I don't see a link Sir.


----------



## x SF med (Mar 3, 2020)

It's like a case study, you just have to wait for the link.  If Marauder were trying to out Meme Teufel (and failing) the meme would have been there.


----------



## Marauder06 (Mar 3, 2020)

Kaldak said:


> I don't see a link Sir.



Thank  you--fixed


----------



## Brill (Mar 3, 2020)

Kaldak said:


> I don't see a link Sir.



Exactly.


----------



## Kaldak (Mar 3, 2020)

lindy said:


> Exactly.



There is one now.


----------



## BloodStripe (Mar 6, 2020)

Good deal! Hope someone from here takes advantage of this. I forwarded on to my old Platoon Commander who has helped author some recent books to hit the NYT Best Sellers list.


----------



## racing_kitty (Mar 6, 2020)

BloodStripe said:


> Good deal!
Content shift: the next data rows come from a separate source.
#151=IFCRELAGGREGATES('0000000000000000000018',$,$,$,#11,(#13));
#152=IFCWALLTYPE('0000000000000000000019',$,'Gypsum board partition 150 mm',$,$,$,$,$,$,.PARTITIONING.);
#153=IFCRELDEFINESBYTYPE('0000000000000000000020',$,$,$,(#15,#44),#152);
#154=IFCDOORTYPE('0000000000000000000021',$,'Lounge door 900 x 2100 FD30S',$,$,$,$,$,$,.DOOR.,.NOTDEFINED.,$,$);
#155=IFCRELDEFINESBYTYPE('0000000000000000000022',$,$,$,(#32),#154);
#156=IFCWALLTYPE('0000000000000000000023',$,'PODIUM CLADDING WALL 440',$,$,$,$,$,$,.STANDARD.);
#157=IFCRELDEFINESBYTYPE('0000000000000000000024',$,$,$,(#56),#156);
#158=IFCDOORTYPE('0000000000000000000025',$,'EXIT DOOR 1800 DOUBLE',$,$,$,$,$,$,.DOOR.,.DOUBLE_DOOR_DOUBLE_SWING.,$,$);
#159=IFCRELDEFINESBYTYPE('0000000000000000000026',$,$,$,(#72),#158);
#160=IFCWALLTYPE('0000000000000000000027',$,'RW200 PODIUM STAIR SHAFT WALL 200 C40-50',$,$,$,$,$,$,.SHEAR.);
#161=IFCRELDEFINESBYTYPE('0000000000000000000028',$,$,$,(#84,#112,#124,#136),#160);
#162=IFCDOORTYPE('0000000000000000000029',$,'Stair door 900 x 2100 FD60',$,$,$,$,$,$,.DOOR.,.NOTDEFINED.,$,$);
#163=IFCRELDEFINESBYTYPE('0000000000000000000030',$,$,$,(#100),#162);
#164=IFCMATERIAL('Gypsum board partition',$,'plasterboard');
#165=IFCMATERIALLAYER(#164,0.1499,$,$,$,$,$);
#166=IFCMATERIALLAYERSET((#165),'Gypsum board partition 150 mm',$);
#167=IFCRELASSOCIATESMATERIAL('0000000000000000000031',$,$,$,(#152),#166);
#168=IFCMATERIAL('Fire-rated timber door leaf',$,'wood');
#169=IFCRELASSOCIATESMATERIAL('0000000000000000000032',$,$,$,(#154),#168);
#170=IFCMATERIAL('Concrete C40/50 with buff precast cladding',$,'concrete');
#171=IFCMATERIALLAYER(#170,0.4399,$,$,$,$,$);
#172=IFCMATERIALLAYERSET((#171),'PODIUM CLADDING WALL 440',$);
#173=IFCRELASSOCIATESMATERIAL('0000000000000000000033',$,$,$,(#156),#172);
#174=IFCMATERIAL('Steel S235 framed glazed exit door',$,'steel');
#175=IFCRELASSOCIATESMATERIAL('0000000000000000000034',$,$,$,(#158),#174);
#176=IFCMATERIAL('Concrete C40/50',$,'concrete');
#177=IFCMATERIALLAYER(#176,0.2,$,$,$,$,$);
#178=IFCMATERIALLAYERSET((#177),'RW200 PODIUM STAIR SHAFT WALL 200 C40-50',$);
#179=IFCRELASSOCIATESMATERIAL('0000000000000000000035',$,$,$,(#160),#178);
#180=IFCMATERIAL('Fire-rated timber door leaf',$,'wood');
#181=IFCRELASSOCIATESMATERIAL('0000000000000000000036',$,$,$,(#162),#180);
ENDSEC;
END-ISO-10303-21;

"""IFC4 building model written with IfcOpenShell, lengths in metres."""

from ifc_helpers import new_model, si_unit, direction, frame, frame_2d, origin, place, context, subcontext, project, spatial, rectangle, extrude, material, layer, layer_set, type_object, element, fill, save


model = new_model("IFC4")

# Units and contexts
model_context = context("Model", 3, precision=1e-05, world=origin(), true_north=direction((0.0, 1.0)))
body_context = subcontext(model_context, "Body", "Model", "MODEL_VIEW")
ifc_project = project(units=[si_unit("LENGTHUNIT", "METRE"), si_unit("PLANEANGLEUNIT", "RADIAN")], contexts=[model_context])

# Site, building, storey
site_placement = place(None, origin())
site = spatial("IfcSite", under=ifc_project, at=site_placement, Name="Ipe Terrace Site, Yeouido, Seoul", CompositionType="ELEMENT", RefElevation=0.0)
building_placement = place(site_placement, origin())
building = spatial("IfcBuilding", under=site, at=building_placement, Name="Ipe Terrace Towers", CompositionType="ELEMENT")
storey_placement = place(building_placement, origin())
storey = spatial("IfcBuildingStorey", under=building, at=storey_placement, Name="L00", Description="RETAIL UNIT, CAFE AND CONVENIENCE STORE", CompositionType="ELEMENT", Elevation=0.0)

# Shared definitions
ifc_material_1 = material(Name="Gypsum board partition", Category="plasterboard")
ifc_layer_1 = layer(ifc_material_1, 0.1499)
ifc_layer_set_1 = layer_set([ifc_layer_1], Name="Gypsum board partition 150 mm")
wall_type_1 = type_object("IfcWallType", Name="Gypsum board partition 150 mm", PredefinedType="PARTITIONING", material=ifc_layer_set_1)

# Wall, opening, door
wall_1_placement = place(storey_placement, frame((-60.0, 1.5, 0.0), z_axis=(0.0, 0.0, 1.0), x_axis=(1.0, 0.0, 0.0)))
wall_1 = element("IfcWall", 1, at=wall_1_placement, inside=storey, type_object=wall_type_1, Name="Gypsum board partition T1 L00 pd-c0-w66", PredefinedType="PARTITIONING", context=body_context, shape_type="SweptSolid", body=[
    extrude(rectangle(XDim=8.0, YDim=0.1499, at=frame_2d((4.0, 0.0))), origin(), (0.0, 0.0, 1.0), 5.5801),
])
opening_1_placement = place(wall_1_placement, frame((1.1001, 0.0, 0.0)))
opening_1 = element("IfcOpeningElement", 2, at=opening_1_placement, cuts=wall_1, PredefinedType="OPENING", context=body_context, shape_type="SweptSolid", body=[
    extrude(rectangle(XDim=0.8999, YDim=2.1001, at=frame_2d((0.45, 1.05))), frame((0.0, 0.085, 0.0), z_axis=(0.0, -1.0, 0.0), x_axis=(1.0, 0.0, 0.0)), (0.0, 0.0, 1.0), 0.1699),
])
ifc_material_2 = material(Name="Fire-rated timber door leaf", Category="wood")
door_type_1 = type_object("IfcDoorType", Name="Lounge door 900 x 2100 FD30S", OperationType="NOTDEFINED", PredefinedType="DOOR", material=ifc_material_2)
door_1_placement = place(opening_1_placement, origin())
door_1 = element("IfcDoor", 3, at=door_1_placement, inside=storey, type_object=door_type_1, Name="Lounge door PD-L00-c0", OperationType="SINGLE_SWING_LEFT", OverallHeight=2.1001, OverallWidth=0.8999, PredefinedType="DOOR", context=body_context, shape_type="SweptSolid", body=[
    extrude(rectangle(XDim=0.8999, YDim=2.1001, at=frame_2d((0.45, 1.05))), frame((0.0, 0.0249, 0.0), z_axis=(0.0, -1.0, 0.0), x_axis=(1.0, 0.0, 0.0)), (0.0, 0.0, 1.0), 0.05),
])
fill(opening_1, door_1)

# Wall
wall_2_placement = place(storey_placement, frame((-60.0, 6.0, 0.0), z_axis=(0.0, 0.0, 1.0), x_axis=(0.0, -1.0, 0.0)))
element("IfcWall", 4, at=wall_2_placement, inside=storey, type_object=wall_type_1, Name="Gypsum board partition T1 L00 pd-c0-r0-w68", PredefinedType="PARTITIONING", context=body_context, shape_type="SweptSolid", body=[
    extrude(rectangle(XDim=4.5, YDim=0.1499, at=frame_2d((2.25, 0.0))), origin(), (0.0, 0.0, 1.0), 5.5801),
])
Hope someone from here takes advantage of this. I forwarded on to my old Platoon Commander who has helped author some recent books to hit the NYT Best Sellers list.
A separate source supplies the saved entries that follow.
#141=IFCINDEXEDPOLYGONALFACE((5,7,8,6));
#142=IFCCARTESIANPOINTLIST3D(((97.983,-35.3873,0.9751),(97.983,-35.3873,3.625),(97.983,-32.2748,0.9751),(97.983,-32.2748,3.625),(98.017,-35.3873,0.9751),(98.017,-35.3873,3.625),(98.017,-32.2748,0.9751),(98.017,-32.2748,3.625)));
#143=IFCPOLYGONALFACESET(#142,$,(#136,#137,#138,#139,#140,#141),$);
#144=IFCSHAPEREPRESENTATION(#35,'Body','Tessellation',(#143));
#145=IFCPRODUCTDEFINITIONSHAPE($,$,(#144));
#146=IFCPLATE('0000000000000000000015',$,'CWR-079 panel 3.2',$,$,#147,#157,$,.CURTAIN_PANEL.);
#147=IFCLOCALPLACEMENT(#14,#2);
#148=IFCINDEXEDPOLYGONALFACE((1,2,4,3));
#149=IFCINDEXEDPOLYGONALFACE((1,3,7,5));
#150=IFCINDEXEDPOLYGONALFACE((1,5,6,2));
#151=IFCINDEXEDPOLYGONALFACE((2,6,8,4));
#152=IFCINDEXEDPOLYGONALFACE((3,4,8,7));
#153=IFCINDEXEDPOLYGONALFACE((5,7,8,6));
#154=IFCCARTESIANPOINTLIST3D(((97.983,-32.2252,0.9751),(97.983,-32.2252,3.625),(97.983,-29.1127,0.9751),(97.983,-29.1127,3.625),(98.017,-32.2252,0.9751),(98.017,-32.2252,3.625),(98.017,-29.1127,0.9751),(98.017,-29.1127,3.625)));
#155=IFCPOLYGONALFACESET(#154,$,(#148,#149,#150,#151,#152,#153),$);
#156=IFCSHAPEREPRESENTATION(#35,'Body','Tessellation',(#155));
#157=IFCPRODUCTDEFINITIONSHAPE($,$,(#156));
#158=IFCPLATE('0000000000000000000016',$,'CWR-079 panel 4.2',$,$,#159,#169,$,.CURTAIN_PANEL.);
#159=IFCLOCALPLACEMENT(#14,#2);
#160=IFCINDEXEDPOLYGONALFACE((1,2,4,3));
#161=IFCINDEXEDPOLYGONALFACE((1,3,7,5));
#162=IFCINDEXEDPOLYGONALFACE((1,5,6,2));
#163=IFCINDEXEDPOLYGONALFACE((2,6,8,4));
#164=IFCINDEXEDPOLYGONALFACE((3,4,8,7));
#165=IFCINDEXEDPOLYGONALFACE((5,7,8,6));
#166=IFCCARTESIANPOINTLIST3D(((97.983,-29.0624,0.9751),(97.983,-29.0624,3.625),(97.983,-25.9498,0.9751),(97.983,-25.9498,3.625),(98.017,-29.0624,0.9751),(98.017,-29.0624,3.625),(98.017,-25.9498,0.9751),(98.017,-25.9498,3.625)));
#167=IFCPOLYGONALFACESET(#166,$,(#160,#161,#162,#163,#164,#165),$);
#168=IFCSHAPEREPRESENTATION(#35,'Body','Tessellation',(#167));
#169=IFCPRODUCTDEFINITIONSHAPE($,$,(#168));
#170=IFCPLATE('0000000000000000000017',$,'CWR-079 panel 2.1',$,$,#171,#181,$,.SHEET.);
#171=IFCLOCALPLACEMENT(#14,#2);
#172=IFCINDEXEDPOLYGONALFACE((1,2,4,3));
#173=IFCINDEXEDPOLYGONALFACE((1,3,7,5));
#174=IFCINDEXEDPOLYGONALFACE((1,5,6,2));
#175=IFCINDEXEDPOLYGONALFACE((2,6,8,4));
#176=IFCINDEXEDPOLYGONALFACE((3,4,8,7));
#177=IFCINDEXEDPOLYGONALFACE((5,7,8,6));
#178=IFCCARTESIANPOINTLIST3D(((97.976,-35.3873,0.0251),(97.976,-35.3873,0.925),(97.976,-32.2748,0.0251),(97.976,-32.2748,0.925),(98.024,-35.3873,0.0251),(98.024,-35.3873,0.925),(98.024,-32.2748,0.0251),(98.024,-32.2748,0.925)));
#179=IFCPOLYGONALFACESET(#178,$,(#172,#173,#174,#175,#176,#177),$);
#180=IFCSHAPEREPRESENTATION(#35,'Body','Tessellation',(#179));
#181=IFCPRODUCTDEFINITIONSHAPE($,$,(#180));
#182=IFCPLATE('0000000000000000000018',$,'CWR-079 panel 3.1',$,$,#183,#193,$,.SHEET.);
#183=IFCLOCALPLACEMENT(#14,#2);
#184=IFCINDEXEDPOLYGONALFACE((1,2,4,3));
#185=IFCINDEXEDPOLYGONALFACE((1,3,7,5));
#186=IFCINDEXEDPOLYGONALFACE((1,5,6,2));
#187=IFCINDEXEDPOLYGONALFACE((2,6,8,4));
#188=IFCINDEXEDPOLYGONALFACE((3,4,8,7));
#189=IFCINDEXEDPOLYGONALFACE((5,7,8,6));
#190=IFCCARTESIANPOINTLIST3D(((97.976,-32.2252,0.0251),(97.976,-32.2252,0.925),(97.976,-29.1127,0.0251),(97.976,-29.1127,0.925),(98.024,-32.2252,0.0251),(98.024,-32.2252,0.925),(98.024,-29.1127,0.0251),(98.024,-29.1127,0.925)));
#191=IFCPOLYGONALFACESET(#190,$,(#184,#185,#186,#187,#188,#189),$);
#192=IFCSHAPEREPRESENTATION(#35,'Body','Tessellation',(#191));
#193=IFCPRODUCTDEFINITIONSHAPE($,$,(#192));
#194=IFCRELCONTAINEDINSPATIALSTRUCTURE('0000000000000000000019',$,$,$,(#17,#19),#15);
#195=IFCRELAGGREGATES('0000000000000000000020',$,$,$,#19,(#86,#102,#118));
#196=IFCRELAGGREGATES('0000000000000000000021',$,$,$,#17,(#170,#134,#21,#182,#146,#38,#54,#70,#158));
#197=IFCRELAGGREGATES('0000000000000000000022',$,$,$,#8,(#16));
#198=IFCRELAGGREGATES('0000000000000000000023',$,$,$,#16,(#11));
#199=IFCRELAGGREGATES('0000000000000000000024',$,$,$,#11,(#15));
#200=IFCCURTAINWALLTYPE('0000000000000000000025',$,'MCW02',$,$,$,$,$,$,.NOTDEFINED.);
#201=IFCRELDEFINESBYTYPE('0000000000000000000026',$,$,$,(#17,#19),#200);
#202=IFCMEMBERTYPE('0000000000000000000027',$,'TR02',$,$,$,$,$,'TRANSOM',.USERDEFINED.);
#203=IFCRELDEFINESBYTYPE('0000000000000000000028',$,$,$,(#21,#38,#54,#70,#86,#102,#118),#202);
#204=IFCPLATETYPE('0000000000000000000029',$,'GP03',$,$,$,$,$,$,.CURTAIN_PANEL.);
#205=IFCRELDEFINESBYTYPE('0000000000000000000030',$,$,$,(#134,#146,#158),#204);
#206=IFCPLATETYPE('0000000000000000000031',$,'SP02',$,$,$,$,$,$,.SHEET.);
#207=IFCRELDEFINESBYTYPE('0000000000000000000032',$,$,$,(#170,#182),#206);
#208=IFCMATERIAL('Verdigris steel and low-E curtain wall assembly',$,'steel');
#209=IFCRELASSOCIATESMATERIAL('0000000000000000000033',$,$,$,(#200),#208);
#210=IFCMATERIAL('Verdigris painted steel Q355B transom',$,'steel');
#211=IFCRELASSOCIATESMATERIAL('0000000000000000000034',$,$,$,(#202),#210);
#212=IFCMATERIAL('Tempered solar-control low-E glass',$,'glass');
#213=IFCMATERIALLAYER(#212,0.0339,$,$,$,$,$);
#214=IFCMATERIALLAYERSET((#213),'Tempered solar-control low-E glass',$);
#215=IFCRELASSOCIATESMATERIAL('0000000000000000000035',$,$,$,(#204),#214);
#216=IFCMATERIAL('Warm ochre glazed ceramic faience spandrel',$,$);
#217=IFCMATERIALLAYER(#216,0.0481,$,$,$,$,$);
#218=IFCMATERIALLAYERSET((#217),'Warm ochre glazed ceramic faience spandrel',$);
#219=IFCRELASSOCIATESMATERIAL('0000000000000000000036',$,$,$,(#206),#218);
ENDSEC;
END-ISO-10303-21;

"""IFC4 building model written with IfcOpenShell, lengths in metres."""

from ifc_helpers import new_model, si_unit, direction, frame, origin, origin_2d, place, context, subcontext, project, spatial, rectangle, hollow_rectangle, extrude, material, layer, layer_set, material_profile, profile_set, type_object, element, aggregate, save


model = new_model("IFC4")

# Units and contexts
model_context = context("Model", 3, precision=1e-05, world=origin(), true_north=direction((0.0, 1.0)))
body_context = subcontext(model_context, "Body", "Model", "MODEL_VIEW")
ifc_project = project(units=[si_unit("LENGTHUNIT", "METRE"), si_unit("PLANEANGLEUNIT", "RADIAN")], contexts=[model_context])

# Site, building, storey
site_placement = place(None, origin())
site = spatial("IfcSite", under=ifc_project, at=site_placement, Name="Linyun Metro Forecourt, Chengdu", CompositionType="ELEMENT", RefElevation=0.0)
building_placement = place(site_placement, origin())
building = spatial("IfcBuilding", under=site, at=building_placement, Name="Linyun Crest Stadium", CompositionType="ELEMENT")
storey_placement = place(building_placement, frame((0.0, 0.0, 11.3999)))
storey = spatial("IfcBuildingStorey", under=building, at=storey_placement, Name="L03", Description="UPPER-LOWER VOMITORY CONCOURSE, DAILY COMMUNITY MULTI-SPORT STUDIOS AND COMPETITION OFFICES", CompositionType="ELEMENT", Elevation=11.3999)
I’m giving it some serious thought


----------



## BloodStripe (Mar 6, 2020)

racing_kitty said:


> I’m giving it some serious thought



Please go! If it focused more on technical writing I'd be all over applying. Maybe the documentary piece is what I'd need so it would be great to get some actual feedback.


----------



## Viper1 (Mar 8, 2020)

racing_kitty said:


> I’m giving it some serious thought


Please do. There need to be more stories written by women, especially in the war genre.


----------



## Marine0311 (Mar 8, 2020)

I applied.


----------